X-BeenThere: edk2-devel@lists.01.org
X-Mailman-Version: 2.1.21
Precedence: list
List-Id: EDK II Development  <edk2-devel.lists.01.org>
List-Unsubscribe: <https://lists.01.org/mailman/options/edk2-devel>,
 <mailto:edk2-devel-request@lists.01.org?subject=unsubscribe>
List-Archive: <http://lists.01.org/pipermail/edk2-devel/>
List-Post: <mailto:edk2-devel@lists.01.org>
List-Help: <mailto:edk2-devel-request@lists.01.org?subject=help>
List-Subscribe: <https://lists.01.org/mailman/listinfo/edk2-devel>,
 <mailto:edk2-devel-request@lists.01.org?subject=subscribe>
X-List-Received-Date: Thu, 03 Nov 2016 06:54:07 -0000

This series patch enables SMM page level protection.
Features are:
1) PiSmmCore reports SMM PE image code/data information
in EdkiiPiSmmMemoryAttributeTable, if the SMM image is page aligned.
2) PiSmmCpu consumes EdkiiPiSmmMemoryAttributeTable
and set XD for data page and RO for code page.
3) PiSmmCpu enables Static Paging for X64 according to
PcdCpuSmmStaticPageTable.
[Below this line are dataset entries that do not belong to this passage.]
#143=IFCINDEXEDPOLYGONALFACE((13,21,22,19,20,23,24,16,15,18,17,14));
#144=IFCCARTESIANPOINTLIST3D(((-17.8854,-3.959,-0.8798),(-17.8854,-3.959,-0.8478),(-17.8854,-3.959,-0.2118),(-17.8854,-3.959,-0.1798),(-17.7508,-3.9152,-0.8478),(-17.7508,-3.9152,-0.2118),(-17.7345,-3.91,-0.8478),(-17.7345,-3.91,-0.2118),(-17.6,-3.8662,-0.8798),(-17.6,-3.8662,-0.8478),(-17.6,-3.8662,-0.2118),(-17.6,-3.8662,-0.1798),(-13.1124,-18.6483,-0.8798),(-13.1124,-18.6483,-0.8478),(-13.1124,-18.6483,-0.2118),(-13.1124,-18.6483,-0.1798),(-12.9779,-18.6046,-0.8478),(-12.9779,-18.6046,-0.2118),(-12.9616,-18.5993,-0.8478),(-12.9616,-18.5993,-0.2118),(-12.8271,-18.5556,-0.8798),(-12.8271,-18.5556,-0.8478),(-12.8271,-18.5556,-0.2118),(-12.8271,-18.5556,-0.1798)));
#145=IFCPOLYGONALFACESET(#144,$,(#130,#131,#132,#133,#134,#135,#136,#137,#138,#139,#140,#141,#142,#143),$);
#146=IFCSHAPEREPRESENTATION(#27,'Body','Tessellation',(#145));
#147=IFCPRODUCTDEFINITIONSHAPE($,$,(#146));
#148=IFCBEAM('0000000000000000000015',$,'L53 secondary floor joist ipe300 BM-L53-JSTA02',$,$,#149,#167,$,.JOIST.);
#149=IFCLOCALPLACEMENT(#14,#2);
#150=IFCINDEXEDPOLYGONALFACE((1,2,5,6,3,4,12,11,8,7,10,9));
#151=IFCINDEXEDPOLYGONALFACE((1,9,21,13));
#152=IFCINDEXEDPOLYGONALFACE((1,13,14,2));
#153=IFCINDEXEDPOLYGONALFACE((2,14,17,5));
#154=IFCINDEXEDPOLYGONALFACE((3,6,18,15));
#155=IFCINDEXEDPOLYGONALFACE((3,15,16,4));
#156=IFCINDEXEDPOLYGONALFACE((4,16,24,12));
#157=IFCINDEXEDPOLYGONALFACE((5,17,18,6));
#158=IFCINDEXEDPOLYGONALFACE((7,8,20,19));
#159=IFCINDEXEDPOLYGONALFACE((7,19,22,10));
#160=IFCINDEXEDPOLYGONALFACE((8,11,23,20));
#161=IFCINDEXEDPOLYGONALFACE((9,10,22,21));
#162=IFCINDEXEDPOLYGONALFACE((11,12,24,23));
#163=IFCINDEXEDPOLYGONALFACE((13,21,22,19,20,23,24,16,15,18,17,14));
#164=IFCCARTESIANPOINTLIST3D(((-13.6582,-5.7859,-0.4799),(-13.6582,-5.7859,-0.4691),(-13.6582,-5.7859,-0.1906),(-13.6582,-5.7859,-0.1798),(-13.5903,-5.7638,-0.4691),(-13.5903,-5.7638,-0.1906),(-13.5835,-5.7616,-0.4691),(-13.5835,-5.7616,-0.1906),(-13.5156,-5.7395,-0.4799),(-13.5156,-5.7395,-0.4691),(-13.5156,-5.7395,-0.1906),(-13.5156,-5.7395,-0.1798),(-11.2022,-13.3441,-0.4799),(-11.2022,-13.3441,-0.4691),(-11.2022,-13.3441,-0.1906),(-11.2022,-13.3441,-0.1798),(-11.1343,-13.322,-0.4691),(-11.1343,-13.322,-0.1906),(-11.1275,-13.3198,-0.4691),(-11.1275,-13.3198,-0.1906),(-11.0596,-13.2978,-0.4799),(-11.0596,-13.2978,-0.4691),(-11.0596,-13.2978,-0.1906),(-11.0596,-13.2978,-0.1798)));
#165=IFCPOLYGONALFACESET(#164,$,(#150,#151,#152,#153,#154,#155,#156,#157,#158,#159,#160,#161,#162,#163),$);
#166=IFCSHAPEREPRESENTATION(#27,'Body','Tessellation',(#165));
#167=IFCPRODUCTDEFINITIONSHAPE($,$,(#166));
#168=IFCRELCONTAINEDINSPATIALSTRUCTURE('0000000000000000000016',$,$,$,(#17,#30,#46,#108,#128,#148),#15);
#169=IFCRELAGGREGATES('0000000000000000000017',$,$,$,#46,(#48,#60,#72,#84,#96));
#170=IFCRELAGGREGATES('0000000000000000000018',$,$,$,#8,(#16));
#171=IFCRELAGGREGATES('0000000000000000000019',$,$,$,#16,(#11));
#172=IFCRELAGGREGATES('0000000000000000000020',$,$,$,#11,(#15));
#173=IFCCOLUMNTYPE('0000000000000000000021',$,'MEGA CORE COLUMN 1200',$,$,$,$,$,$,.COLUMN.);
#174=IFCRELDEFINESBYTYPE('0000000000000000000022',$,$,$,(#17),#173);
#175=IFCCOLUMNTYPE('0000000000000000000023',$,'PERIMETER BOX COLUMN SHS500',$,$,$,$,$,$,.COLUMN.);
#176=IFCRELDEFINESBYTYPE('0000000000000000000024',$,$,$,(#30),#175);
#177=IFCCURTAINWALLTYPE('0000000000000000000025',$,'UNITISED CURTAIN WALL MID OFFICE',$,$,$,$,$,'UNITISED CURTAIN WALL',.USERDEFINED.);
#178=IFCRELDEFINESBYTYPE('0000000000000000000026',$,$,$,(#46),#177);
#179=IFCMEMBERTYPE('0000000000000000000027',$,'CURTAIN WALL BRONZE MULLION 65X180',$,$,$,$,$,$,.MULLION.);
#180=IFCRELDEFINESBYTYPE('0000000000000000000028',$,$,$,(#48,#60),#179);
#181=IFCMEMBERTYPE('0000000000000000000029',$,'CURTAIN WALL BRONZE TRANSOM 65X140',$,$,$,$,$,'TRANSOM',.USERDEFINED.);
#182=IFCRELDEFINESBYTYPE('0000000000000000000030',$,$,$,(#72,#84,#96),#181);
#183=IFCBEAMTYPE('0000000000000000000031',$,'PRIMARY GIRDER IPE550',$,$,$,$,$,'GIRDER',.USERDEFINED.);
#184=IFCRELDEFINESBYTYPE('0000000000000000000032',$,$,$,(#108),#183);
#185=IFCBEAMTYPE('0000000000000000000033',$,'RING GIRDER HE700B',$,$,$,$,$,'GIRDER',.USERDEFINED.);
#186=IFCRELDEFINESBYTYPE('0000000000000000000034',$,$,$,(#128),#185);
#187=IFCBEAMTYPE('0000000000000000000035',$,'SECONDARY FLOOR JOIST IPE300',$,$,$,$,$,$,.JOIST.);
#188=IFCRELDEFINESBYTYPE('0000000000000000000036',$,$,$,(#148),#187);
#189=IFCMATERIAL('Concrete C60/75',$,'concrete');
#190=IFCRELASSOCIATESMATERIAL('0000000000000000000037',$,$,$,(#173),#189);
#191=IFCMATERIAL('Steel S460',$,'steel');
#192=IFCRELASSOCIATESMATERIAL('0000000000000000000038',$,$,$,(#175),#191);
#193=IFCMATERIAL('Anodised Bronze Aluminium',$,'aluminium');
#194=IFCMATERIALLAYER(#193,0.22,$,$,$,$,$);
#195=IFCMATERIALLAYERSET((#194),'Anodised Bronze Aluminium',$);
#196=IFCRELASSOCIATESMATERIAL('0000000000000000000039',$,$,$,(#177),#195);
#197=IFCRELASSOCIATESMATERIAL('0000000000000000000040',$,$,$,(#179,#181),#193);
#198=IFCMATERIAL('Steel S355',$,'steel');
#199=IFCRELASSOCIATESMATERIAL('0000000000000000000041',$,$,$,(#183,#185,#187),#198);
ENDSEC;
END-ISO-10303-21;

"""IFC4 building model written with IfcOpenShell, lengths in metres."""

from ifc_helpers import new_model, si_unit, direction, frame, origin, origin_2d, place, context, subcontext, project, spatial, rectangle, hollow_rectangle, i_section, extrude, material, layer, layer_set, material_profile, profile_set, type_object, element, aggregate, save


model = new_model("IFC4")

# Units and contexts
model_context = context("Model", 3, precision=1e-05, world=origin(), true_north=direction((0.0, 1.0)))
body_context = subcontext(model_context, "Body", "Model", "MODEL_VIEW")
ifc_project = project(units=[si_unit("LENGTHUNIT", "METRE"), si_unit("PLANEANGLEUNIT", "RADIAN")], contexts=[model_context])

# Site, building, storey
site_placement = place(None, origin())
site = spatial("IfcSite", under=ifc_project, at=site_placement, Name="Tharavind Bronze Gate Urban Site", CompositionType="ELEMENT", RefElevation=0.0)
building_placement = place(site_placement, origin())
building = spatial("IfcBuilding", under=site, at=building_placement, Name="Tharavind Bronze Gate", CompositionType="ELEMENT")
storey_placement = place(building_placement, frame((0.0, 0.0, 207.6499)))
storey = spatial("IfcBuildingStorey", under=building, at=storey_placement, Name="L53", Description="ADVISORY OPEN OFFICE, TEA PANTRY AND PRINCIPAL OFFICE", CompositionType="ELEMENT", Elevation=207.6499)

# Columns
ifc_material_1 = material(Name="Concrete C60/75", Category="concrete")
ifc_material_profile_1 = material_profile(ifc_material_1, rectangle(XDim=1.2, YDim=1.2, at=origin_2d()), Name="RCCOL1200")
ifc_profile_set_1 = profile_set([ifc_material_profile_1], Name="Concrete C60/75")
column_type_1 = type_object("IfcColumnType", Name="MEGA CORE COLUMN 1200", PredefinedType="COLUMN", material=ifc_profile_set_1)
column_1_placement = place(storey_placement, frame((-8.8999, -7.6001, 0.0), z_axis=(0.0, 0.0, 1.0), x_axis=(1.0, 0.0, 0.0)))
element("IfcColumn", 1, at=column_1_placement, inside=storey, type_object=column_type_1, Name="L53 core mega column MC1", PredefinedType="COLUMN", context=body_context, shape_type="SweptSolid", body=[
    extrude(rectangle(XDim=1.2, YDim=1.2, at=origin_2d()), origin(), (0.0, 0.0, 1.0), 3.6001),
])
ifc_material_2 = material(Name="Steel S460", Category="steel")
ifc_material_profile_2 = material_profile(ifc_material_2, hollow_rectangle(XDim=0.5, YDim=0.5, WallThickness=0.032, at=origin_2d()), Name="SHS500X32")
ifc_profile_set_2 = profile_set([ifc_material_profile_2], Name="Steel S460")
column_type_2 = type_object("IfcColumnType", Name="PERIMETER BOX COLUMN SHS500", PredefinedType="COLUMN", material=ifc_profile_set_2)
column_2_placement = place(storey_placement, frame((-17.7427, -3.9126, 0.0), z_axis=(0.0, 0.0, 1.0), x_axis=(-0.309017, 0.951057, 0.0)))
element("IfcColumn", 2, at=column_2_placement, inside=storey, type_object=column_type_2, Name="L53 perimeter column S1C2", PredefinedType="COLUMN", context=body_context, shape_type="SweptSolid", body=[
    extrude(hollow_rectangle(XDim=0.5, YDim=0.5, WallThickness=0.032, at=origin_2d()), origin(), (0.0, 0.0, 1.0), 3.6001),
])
If it is true, 1G paging for above 4G
is used as long as it is supported.
4) PiSmmCpu sets importance data structure to be read only,
such as Gdt, Idt, SmmEntrypoint, and PageTable itself.

tested platform:
1) Intel internal platform (X64).
2) EDKII Quark IA32
3) EDKII Vlv2  X64
4) EDKII OVMF IA32 and IA32X64.

Cc: Jeff Fan <jeff.fan@intel.com>
Cc: Feng Tian <feng.tian@intel.com>
Cc: Star Zeng <star.zeng@intel.com>
Cc: Michael D Kinney <michael.d.kinney@intel.com>
Cc: Laszlo Ersek <lersek@redhat.com>
Contributed-under: TianoCore Contribution Agreement 1.0
Signed-off-by: Jiewen Yao <jiewen.yao@intel.com>

Jiewen Yao (6):
  MdeModulePkg/Include: Add PiSmmMemoryAttributesTable.h
  MdeModulePkg/dec: Add gEdkiiPiSmmMemoryAttributesTableGuid.
  MdeModulePkg/PiSmmCore: Add MemoryAttributes support.
  UefiCpuPkg/dec: Add PcdCpuSmmStaticPageTable.
  UefiCpuPkg/PiSmmCpuDxeSmm: Add paging protection.
  QuarkPlatformPkg/dsc: enable Smm paging protection.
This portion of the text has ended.